Illustration by A checklist manifesto to build data science teams

AI, ML and data science have changed the game for companies across domains. Now, organisations are committing huge resources to build the perfect data science team. Building a team, let alone in data science, is a daunting task. 

A data science team does not have a flat composition. There are a lot of designations, roles, and responsibilities that fall under the purview of this team. While structuring a data science team may depend on the organisation’s final goals, some parameters remain the same– like the need for innovation and scalability.

Building highly efficient and scalable data science teams 

An AI-based organisation uses artificial intelligence to achieve its end goal. However, the alignment is often lost while setting up data science teams, and the focus is on capability development. Even some Fortune 500 companies struggle with data science. The problem becomes even more challenging for service providers, mainly due to their complex and dynamic portfolio.
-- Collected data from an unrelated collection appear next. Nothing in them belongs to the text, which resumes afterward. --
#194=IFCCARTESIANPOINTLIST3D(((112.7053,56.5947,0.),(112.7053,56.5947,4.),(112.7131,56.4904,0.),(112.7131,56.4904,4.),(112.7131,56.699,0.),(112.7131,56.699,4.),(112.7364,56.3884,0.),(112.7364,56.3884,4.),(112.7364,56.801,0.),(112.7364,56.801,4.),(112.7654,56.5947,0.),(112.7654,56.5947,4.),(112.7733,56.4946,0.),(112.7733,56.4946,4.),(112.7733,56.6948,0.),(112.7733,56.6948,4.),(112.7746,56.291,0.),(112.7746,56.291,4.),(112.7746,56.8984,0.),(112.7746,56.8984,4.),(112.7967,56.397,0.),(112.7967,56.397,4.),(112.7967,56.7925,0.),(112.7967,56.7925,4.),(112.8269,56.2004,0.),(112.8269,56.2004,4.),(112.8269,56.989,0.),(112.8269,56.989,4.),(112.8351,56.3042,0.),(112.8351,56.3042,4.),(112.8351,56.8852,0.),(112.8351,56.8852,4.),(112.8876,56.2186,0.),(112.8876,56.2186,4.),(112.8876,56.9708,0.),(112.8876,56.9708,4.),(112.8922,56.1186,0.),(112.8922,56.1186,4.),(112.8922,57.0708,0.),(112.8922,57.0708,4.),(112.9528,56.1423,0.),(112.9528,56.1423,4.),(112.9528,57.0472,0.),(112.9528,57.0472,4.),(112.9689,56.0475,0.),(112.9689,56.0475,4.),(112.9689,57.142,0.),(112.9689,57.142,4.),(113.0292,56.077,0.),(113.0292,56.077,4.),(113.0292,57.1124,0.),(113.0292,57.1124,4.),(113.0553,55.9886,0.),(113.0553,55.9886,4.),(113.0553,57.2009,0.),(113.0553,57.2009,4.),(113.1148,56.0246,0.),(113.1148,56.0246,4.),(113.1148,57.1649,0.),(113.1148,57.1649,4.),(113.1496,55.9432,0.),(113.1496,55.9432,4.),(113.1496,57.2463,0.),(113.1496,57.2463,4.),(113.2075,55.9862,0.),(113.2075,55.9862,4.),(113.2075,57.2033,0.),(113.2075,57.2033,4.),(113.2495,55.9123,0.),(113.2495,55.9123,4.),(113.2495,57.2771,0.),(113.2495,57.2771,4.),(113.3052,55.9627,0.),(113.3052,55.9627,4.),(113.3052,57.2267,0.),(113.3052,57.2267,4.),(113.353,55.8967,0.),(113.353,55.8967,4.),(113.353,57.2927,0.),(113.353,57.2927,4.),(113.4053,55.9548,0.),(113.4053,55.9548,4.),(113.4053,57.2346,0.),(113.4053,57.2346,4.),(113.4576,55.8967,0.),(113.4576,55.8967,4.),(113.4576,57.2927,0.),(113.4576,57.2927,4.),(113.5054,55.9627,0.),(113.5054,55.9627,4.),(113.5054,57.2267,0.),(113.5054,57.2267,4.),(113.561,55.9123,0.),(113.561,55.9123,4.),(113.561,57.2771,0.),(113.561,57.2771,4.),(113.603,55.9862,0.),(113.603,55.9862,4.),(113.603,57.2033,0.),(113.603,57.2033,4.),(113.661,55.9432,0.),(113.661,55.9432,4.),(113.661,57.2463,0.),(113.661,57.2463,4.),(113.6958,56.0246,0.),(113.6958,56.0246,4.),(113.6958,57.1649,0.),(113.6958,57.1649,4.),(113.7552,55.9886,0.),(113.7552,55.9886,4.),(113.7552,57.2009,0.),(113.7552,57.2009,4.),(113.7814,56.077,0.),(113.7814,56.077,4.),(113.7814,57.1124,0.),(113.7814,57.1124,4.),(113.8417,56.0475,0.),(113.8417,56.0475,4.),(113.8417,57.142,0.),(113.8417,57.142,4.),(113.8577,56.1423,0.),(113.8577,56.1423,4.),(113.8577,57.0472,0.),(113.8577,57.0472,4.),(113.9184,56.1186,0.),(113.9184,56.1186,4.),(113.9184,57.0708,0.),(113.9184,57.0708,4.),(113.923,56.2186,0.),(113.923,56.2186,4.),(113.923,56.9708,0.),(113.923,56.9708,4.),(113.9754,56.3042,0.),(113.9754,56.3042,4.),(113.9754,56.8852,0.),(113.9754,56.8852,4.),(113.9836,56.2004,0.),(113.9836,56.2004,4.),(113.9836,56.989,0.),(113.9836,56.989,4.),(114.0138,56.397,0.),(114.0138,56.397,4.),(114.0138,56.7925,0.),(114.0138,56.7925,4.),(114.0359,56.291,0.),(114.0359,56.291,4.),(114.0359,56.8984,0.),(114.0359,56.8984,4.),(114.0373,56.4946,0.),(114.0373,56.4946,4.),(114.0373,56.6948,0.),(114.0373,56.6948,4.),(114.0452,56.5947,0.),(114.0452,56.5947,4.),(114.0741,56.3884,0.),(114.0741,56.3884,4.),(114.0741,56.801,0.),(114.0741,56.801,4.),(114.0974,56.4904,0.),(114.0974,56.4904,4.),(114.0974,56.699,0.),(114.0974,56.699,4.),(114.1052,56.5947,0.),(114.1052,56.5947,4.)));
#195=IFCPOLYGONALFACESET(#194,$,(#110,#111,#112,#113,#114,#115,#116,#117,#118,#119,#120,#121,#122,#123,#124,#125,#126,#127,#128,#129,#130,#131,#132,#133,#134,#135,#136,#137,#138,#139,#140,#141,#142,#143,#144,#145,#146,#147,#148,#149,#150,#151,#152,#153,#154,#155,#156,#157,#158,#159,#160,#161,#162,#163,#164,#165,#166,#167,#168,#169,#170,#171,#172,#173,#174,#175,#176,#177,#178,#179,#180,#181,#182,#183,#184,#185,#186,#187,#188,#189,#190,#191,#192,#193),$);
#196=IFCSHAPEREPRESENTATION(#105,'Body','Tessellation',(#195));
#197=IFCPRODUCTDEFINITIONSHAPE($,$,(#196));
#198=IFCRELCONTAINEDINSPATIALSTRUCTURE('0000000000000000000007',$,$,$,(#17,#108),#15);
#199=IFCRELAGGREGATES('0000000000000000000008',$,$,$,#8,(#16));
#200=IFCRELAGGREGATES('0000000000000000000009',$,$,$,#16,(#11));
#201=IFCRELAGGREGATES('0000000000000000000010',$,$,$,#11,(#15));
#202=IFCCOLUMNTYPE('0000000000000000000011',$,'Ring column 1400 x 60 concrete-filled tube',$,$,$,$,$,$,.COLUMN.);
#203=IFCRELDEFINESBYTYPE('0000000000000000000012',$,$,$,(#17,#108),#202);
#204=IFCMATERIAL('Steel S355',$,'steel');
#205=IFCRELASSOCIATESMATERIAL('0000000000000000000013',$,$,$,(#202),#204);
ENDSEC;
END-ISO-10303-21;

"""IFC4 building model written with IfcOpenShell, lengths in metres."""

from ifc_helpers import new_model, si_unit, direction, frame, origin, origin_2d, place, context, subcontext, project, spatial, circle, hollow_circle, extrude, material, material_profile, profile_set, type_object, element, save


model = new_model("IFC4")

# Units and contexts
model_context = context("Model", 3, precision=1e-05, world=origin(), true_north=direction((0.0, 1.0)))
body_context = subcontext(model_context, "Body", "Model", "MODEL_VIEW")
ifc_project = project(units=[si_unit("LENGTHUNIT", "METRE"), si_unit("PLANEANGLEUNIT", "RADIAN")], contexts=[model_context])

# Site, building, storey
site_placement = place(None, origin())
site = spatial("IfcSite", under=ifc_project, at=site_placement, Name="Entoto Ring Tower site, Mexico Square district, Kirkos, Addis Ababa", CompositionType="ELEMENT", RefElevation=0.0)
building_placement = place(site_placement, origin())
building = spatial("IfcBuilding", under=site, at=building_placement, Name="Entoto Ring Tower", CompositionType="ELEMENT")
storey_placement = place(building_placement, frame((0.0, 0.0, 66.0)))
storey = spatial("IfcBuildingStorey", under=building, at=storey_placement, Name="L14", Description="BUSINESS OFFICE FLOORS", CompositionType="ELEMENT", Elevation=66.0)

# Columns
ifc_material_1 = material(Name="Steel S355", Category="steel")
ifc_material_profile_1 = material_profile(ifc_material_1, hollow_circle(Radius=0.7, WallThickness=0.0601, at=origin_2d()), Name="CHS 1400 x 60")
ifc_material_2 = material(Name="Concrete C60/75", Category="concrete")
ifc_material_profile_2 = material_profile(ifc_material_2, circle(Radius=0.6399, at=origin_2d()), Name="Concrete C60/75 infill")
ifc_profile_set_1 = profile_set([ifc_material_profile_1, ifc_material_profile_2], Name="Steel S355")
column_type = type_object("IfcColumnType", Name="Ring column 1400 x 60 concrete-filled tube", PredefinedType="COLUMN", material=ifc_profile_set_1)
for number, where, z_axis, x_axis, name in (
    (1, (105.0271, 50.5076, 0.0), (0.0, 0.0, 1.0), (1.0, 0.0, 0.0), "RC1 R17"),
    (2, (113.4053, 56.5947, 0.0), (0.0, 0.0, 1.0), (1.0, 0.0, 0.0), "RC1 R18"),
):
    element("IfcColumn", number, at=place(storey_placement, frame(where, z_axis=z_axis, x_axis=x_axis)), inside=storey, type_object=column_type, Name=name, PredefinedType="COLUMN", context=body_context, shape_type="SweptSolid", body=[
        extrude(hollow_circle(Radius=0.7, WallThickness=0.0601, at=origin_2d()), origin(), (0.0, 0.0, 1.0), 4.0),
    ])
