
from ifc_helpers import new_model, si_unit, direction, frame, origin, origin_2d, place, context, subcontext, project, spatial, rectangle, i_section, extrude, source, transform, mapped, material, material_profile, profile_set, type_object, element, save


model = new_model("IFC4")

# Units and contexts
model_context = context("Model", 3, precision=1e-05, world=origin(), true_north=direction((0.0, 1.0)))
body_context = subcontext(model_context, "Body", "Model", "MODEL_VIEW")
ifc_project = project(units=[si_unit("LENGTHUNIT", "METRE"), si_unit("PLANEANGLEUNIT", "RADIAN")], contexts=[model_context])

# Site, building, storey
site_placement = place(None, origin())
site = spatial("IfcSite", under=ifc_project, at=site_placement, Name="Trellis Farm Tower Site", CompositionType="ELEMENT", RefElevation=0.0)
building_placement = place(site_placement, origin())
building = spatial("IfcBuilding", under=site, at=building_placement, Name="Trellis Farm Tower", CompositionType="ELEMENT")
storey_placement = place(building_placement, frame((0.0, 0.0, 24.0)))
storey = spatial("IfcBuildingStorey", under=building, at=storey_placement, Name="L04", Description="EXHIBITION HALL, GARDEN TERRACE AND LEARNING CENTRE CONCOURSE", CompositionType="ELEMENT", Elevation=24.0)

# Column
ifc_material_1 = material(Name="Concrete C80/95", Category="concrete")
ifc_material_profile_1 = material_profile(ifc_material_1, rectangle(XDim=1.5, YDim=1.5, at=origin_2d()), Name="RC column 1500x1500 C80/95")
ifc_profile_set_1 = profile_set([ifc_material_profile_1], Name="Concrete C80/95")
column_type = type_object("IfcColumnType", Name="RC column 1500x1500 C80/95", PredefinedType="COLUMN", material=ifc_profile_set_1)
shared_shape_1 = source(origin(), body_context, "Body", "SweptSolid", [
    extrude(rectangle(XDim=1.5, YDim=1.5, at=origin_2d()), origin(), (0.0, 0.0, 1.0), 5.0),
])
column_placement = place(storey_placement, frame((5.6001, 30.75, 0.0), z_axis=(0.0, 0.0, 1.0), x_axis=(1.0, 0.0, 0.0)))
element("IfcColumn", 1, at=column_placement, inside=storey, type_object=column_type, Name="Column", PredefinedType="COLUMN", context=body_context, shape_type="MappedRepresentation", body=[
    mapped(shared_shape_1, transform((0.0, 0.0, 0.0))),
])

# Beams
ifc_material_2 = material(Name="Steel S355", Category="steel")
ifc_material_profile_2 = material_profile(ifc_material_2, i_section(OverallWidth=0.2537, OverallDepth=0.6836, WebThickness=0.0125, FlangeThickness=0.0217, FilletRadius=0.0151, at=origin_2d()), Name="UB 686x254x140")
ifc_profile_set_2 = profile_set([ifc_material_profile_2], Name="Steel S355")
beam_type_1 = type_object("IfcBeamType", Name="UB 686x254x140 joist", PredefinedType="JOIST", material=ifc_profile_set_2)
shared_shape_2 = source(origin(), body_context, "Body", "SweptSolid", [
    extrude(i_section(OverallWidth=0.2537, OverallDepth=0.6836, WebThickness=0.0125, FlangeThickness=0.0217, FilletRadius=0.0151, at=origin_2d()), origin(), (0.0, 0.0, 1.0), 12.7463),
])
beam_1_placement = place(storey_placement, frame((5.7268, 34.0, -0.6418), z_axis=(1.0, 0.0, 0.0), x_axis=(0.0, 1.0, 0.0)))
Hence it is important to start with a clear vision and mission. Data science teams should not be set up as a cost centre. Sooner or later, the team would struggle to prove its RoI. The best place to start is to make a pipeline of priority problems the business wants to solve: identify the problem; evaluate the feasibility of a data science-driven solution; define success criteria; and monitor RoI.

It is important to ensure organisational alignment and team integration with the strategic initiatives. In the absence of such aspects, the data science team may end up just as another shared services team. Finally, the team must maintain a balance between innovation and experimentation vs scalability and delivery.

Credit: Author

Team composition

People tend to incorrectly assume that a data science CoE would consist only of data scientists. A data science team can be thought of in terms of a cricket team. The team’s success depends on batsmen, bowlers, a captain, a coach, and performance analysts. All must work in tandem to ensure success. 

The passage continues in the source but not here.